Secondo alcuni meritava l’ergastolo come Turetta e Impagnatiello l’uomo che due anni or sono uccise moglie e figlia a Castelfranco Emilia e invece la Corte di assise di Modena ha condannato Salvatore Montefusco “solo” a trent’anni di carcere. E così infuriano le polemiche su tutti i mass media, con i professionisti della lotta al femminicidio in prima linea. Ormai per loro esiste solo il massimo della pena, l’ergastolo.
Poco importa che nel caso specifico l’imputato abbia oggi 72 anni e che quindi, verosimilmente, non uscirà più vivo dal carcere. Non rilevano, per chi ha severamente criticato questa sentenza, le condizioni particolarissime in cui è maturato il doppio omicidio: per chi si macchia di femminicidio l’unica pena che può soddisfare la sete di giustizia di certa opinione pubblica è l’ergastolo. Diversamente, se le sanzioni comminate sono troppo “lievi” – sostengono i rappresentanti delle associazioni contro la violenza sulle donne – si rafforza “la cultura patriarcale” e “si fa arretrare il percorso per l’eliminazione della violenza maschile”.
Non comprendono, i fautori del fine pena mai, che non tutti i gravi fatti di sangue sono uguali fra loro e che quindi non per forza, pur in presenza del medesimo titolo di reato, la pena da comminare debba essere sempre la medesima (una cosa è un omicidio di mafia o a scopo di rapina, altro è un delitto commesso per motivi sentimentali o con dolo d’impeto) e che compito del giudice è quello di valutare tutte le circostanze e i fattori oggettivi e soggettivi in cui maturano i fatti per poi quantificare una pena proporzionata.
È quello che hanno fatto i giudici emiliani nella loro dettagliata motivazione.
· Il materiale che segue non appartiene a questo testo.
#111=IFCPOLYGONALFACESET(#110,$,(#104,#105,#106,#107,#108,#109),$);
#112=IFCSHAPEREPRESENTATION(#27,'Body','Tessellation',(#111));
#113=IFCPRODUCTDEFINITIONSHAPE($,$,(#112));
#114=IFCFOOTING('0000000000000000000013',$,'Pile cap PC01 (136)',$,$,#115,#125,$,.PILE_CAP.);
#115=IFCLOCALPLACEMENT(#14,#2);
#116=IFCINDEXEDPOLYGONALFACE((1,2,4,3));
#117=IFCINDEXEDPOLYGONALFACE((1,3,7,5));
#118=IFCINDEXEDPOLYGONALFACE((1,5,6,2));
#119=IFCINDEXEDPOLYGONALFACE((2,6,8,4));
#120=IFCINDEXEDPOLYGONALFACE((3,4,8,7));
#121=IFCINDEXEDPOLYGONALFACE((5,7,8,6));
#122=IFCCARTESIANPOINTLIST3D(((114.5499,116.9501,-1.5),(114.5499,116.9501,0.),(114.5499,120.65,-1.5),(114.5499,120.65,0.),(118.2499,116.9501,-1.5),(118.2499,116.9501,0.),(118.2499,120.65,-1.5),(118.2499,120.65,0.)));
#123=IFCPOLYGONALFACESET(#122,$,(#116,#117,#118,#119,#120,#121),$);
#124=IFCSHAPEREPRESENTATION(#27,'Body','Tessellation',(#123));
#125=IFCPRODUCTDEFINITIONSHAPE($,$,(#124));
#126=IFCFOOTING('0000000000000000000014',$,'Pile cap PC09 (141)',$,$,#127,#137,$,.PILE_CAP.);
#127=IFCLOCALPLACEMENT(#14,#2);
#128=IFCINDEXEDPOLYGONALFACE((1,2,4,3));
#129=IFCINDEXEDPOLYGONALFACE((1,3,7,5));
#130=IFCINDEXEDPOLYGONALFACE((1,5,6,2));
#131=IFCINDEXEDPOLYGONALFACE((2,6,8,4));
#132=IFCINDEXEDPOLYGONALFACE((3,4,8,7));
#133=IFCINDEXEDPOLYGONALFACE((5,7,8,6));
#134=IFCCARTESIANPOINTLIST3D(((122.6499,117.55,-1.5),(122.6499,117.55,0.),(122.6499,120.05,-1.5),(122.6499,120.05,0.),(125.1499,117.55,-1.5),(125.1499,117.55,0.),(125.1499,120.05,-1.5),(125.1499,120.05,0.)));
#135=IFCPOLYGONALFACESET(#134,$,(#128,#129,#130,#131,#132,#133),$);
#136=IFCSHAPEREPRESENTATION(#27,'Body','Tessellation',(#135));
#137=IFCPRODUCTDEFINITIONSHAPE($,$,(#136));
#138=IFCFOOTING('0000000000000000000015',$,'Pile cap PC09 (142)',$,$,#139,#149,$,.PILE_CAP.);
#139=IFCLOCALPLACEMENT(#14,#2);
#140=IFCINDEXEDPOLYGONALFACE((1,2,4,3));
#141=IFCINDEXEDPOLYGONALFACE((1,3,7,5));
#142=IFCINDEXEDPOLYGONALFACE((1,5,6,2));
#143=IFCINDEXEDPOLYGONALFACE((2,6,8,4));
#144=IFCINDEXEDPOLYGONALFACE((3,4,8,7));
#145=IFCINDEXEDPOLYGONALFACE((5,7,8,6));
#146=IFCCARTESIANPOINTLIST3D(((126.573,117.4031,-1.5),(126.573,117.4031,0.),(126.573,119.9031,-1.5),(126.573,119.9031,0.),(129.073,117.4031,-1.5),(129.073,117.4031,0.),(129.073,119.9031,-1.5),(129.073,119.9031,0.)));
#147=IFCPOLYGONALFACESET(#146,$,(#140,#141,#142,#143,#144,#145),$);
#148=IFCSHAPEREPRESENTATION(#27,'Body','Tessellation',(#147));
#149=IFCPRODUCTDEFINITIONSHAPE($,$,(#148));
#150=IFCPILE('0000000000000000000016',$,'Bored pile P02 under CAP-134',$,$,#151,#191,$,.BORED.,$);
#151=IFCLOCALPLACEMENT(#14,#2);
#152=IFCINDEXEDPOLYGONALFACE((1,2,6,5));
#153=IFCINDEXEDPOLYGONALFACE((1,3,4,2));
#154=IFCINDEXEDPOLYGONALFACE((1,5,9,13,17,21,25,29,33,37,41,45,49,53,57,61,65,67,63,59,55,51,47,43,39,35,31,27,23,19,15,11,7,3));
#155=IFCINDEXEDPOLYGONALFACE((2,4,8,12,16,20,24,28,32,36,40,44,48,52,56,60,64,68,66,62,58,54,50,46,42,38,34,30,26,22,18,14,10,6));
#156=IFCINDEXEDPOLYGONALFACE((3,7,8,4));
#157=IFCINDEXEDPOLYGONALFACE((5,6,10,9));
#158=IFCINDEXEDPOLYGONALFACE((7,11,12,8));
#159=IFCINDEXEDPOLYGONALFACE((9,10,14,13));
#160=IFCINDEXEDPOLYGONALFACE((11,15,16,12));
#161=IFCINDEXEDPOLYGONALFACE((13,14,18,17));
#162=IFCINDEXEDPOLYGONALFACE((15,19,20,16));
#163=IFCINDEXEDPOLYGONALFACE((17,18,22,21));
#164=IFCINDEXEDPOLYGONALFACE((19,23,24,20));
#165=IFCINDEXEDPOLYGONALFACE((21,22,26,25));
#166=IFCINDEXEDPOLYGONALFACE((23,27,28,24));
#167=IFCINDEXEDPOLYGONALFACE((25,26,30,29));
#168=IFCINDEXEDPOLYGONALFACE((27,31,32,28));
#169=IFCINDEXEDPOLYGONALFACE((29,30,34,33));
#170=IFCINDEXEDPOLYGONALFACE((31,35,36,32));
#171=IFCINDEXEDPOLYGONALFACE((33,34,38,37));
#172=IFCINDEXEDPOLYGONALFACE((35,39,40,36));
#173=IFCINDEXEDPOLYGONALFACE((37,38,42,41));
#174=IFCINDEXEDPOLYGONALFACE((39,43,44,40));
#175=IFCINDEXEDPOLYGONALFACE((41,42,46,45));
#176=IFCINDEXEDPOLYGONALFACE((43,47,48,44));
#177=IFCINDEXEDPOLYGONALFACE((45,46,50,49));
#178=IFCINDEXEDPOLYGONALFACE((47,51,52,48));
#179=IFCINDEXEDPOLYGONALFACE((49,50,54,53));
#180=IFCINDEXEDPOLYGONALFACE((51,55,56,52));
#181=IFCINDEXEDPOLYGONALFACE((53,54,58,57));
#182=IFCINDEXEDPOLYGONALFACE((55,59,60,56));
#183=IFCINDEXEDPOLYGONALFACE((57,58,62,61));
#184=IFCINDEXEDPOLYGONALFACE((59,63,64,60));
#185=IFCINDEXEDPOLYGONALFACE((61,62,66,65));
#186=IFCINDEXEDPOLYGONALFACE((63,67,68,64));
Preliminarmente la sentenza ha ritenuto che non sussistessero molte delle aggravanti contestate dall’accusa e ha così escluso la premeditazione, i motivi abietti e futili e la crudeltà. Poi la Corte di assise ha spiegato come il delitto fosse maturato in un contesto familiare molto deteriorato, caratterizzato da continui litigi e denunce reciproche ove ciascuna parte rinfacciava all’altra di infliggere umiliazioni e vessazioni.
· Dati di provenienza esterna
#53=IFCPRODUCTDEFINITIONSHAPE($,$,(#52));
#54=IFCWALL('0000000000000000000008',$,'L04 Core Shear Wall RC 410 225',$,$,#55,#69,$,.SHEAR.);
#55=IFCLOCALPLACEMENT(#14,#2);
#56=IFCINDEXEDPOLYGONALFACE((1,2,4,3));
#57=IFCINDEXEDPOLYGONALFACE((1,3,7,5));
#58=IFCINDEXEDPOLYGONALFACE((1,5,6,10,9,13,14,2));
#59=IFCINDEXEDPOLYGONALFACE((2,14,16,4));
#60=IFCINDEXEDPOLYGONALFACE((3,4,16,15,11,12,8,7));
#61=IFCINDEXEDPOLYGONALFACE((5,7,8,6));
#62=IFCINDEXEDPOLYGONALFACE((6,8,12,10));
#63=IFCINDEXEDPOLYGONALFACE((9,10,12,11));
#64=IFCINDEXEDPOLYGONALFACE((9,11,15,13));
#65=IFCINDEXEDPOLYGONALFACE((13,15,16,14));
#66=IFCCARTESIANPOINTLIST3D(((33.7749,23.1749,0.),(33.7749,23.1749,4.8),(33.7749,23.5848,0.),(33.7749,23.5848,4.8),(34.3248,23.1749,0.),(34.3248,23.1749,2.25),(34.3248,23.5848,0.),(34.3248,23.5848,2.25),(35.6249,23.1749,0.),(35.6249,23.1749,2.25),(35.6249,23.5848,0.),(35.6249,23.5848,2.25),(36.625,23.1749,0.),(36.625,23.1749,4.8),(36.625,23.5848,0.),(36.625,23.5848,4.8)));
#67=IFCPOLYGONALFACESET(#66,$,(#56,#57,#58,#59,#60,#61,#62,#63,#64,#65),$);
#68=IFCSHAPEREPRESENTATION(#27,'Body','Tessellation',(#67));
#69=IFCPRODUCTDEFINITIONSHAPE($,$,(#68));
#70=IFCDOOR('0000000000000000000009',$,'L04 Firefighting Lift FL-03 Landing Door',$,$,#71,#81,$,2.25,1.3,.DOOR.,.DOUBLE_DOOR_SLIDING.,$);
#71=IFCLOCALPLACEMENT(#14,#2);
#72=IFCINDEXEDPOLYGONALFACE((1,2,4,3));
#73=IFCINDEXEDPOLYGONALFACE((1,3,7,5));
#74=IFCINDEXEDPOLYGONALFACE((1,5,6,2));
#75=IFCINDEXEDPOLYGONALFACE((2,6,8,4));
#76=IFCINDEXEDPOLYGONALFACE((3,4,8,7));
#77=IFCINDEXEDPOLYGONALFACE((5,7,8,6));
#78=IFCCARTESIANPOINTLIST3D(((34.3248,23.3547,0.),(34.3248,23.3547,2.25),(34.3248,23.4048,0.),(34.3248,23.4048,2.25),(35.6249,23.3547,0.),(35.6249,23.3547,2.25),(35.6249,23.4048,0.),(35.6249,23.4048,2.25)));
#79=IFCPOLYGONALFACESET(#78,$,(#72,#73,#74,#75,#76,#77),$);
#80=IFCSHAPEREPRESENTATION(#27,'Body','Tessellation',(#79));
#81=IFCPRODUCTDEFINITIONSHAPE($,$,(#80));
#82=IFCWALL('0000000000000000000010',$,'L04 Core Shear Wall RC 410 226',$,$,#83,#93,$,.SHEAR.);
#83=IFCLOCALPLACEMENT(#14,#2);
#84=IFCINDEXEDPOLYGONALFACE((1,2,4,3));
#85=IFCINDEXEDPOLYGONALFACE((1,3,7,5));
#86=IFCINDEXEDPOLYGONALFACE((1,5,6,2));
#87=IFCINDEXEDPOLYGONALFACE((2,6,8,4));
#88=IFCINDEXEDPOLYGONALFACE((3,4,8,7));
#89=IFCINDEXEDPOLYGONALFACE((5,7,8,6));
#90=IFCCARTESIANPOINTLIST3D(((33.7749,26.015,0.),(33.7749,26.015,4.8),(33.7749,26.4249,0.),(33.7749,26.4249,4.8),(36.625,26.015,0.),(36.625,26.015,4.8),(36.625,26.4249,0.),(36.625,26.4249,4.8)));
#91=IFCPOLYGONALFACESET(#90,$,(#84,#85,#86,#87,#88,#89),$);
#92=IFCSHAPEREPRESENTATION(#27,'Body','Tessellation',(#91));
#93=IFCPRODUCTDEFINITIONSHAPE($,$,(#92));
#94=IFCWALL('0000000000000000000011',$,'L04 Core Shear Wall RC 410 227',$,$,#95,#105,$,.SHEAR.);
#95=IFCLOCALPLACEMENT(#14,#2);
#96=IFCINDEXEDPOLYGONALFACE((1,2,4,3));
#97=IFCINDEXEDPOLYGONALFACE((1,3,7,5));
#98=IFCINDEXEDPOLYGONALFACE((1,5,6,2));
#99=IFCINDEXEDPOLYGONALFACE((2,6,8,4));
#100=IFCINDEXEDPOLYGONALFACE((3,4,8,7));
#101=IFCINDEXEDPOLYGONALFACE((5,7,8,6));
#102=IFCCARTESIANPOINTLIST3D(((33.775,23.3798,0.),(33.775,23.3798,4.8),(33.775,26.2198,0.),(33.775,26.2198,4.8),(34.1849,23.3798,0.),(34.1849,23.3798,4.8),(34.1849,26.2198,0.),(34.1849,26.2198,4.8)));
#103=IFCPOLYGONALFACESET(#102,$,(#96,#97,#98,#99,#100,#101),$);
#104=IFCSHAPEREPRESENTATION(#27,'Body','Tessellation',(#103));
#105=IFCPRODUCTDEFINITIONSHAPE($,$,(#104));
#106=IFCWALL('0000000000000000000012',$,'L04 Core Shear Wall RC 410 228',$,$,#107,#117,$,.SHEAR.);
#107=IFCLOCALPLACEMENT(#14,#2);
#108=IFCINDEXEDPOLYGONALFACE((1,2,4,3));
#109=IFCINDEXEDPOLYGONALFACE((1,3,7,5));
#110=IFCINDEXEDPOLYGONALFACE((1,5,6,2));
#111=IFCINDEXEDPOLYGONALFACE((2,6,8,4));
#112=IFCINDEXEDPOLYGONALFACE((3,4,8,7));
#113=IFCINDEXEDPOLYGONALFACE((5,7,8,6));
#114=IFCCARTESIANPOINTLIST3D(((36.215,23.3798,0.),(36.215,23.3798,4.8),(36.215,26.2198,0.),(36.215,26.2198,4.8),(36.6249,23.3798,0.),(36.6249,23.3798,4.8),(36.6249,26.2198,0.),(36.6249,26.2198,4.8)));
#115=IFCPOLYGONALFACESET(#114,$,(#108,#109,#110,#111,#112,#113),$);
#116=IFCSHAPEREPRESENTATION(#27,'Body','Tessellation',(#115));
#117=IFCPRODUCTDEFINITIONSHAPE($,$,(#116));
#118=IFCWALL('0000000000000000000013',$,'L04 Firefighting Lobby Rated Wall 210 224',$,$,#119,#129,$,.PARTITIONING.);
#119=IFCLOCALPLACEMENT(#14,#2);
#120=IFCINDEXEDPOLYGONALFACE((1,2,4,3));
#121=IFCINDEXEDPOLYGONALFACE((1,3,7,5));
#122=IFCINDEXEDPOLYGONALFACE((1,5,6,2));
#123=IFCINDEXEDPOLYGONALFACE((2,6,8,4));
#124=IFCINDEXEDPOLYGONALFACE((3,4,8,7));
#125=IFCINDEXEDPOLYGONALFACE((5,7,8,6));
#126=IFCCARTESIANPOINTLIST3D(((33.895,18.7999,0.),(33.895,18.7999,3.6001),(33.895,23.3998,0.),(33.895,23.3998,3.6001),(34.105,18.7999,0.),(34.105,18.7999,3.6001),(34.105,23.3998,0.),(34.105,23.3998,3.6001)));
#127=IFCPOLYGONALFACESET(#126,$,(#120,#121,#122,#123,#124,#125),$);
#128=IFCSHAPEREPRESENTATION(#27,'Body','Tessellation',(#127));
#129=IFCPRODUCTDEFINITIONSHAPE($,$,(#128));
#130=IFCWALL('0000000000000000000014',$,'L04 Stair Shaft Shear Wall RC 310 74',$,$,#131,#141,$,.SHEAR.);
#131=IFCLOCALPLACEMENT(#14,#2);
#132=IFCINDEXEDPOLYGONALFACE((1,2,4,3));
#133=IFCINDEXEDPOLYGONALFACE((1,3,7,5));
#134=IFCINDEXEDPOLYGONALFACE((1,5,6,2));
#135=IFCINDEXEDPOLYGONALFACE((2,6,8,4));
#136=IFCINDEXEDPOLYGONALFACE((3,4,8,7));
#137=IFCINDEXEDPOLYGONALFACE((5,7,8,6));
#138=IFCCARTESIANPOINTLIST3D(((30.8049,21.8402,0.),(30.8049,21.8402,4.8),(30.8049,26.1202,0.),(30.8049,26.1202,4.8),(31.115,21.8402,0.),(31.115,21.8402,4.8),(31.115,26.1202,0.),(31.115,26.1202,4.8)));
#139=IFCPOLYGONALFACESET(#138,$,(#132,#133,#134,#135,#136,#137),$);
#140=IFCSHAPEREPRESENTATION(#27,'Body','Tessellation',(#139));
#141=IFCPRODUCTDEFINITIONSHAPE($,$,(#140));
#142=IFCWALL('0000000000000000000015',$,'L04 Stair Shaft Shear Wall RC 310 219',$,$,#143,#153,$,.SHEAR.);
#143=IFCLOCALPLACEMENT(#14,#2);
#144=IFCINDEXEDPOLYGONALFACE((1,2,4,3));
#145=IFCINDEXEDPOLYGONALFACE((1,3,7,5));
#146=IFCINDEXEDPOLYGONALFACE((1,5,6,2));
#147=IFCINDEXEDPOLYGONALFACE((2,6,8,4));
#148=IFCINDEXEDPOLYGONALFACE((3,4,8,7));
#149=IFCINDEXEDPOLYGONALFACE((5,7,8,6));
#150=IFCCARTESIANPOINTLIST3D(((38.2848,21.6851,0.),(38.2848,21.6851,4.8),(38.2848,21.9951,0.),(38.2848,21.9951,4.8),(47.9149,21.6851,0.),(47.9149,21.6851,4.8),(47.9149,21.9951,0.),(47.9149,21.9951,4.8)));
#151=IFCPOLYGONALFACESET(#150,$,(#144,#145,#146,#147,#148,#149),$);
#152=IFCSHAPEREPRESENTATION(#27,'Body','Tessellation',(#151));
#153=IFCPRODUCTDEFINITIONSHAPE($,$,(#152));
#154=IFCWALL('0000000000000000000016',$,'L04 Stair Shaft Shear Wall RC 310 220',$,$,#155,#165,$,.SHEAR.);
Lo stesso figlio del reo, sopravvissuto alla furia del genitore, ha riferito di aggressioni e maltrattamenti che anche il padre subiva a opera della figlia e della moglie, tanto che si rendeva urgente ed indifferibile la sua uscita dall’abitazione familiare. Questo clima aveva provocato enorme frustrazione nell’uomo causandogli un “blackout emozionale ed esistenziale” che, all’ennesima discussione con scambio di offese e accuse, gli ha impedito di controllarsi lasciandosi andare con un’esplosione di rabbia al folle gesto di imbracciare il fucile e sparare alle due donne. Queste le ragioni che, unitamente ad altri fattori comunemente ritenuti significativi dalla giurisprudenza (buon comportamento processuale, incensuratezza, confessione) hanno indotto i giudici a concedere le attenuanti generiche con conseguente esclusione dell’ergastolo e comminazione della più alta delle pene determinate: 30 anni.
La Corte di assise ha quindi motivato il proprio provvedimento con grande rigore e dovizia di particolari, indagando i profili psicologici e le implicazioni determinate dalle descritte dinamiche familiari, scrivendo oltre 200 pagine per spiegare le ragioni della sua decisione, che appare quindi tutt’altro che scandalosa, bensì oculata e scevra dai condizionamenti di un clima sociale forcaiolo, questo sì inaccettabile, che vorrebbe veder comminare solo ergastoli. L’ergastolo, appunto, pena ormai cancellata dai codici di numerosi Paesi e severamente censurata anche dal Papa, che l’ha definita “una pena di morte nascosta”. Sarebbe tempo che anche nel nostro Paese si facesse una riflessione seria ed approfondita sulla compatibilità del “fine pena mai” con la nostra Costituzione.